NEXT WEEKEND DATE

毎週金曜日の定例会議の最初に、数分だけ私が“今週シェアしたいこと”という内容を社員に伝える時間がある。


(さすがに会議中の写真がなくてケーキ切ってますが、普段はちゃんと会議しております)

「ドじゃなくてソの音で話すと相手が心地よいらしいから、オンライン会議は特に、自分の声のトーンを意識してみて」とか、「相手を“理解する”には上から目線で観察したり分析したりすることではなく“understand”という文字のごとく、相手の下に立って、相手に敬意をもち、相手の感じていることを受け止めることなんだそう。たとえ共感できなくても、努力で理解することはできるので、それぞれ心がけていきましょう」とか、その週に出会った良き出会いの報告やSNSで見かけたことなどをざっくばらんに伝えるようにしている。

先週は、ちょうど会議に向かう途中で聴いていた同世代の経営者でもある高木新平くんのオーディオ番組で心に響いたことをシェアした。

NewsPicksパブリッシング編集長の井上さんという方がゲストで、「“何者かになる”努力し、苦しみ、訪れた鬱病どん底の10ヶ月。気づいた“何者でもない”ことの大切さ」というインパクトあるタイトルだった。

その中で、現代に生きる私たちは“自由”に縛られているのではないかという話があった。

自由は、縛られるものと対極にあるはずなのに、両者ともものすごくその点で盛り上がっていたのが印象的な会話で、聴き進めると確かにそうだと思った。

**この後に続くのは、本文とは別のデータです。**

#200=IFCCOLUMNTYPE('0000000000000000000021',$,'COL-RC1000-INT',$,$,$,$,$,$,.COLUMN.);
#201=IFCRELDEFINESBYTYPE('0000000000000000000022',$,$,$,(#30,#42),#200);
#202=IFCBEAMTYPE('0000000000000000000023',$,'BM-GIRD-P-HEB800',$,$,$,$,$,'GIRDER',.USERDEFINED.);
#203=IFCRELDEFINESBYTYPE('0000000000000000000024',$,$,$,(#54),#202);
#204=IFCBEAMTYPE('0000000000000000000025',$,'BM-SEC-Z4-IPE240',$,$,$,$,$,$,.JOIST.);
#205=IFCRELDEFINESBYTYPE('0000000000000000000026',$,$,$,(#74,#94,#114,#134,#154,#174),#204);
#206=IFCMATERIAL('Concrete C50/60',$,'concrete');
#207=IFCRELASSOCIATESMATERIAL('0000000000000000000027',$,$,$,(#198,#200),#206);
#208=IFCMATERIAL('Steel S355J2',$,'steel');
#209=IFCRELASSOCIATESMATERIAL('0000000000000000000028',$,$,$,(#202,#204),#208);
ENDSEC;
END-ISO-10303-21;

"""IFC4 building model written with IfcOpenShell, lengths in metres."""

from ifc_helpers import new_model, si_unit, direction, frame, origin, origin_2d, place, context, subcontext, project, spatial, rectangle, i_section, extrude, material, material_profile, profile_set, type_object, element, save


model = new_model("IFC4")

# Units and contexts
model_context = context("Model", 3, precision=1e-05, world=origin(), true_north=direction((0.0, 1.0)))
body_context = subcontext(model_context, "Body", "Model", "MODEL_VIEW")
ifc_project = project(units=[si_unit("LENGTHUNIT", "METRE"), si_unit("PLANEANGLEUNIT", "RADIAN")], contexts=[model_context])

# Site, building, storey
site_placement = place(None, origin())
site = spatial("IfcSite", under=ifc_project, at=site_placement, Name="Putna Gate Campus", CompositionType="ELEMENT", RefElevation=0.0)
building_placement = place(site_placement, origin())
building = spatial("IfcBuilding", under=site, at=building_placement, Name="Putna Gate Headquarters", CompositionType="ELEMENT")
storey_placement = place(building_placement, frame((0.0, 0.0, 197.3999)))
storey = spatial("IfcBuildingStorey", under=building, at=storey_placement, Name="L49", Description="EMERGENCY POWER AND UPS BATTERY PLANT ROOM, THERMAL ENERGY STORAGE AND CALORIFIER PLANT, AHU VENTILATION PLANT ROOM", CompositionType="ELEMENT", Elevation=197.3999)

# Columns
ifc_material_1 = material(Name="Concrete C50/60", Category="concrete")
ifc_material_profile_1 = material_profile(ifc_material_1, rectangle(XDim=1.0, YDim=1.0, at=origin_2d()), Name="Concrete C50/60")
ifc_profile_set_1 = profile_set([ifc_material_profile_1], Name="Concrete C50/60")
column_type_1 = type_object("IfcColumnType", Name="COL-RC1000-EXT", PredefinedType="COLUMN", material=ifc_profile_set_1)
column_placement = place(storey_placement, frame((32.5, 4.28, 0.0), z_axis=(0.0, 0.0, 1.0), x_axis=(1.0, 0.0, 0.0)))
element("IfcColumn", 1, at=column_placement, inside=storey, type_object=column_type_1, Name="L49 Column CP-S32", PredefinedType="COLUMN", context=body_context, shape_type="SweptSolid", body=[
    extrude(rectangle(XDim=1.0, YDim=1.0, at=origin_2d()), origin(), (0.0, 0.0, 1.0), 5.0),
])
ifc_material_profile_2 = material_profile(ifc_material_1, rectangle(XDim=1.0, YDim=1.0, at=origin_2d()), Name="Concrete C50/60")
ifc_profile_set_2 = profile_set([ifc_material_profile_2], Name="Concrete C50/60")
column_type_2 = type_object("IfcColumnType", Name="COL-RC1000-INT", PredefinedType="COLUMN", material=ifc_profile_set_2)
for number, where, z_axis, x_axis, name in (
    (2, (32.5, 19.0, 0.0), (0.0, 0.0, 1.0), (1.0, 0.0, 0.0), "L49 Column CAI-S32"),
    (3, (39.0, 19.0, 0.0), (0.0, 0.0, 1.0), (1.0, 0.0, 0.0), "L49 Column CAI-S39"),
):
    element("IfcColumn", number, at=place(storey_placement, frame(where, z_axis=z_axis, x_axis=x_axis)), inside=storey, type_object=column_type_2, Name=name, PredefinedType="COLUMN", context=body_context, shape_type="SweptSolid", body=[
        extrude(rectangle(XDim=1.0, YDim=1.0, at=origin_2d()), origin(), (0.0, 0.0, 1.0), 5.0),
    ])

生まれた場所に住み続けるとか、最初から決められた仕事をしなくてはいけないとか、そういうものがなくなって、無限の情報の中で、多様化とともに私たちの選択は日々増え続ける。

そしてAIのように常に大量の情報を処理して最適化できるわけではない人間にとっては、“自由でなくてはいけない”ということはある種の呪い、縛りになっているのではないか、という話だった。

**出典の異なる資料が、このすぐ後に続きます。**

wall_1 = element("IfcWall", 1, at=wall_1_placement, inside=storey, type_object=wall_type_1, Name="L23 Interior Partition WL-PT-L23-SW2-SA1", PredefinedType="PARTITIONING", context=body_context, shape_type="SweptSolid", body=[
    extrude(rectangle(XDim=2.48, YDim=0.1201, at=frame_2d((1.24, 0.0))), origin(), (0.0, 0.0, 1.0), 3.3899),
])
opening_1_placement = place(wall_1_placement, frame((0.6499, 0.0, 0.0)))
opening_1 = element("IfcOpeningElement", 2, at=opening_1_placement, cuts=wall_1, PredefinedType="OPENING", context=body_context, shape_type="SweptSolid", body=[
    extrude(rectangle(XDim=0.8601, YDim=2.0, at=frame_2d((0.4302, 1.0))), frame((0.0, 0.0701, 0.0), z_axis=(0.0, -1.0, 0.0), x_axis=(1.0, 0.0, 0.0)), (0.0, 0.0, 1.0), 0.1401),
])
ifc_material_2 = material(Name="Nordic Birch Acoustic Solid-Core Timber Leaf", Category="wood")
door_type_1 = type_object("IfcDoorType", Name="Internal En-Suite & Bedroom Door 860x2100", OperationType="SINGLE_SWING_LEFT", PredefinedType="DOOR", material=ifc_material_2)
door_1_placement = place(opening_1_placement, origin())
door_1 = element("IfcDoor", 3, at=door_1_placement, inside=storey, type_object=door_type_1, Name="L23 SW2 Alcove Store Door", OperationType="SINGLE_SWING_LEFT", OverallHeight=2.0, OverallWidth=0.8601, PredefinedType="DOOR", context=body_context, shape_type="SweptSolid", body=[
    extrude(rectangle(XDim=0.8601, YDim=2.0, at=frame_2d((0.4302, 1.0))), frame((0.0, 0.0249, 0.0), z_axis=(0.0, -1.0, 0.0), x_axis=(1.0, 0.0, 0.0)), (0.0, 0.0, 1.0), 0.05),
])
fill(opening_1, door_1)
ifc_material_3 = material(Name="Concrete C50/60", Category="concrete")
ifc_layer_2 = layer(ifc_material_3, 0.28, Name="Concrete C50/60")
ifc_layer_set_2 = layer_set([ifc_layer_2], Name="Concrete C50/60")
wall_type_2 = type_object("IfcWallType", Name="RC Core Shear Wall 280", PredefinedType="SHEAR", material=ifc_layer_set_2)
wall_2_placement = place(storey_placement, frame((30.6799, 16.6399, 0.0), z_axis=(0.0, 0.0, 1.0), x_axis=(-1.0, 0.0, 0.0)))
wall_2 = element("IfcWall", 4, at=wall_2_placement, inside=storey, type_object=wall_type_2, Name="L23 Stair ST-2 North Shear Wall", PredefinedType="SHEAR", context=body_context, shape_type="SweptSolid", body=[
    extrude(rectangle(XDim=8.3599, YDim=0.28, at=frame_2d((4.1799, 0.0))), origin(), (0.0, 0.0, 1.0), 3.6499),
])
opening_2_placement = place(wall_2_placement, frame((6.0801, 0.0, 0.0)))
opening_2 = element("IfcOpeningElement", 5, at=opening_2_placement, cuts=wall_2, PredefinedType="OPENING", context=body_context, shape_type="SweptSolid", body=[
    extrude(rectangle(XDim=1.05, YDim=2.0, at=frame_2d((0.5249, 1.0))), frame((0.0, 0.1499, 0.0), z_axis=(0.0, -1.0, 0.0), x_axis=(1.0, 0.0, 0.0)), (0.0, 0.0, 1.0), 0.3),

自由のように見えて、糸の切れたタコのように浮遊していくのが果たして自由なのか、タコに糸があるようにある程度のマイルールを自分で作らないと乗りたい風にも乗れないのではないか、というような内容で、高木くんは結婚も会社も30年は続けると決めた中で挑戦をしているんだそう。

もちろんその項目も尺度も人によるとは思うけど、常に上には上がいる事実を突きつけられ、それでいて「あなたもいつでもどうぞ」と選択をさせ続けるという、自由すぎる現代社会に生きる私たちは、真面目にすべての情報をキャッチしようとするとパラレルワールドが無限に生まれて、それは葛藤と苦悩を生み出すのかもしれないと改めて思った。

とはいえ、社員に伝えたかったのは「なのでルールを大切にしましょう!」という話ではなく、むしろこれから先、会社としてはルールはもっともっと減らしていきたいとうことで、だけどそこには、自分がどう在りたいかということをそれぞれがもっと持っていてほしいということだった。

人にとっては意味のないようなことでも、自分の中でマイルールを決めながら何かを続けて工夫してアップデートいくようなことにはすごく価値があるのかもしれない、という話もした。

幸せは見つけるものではなく気づくもの、なんて言葉もあるけれど、探し続けても分かりやすい自由なんてものはきっとどこにもなくて、すでに自分が飛んでいることに気づきながら見えている景色を楽しくしていける力が大切なはず。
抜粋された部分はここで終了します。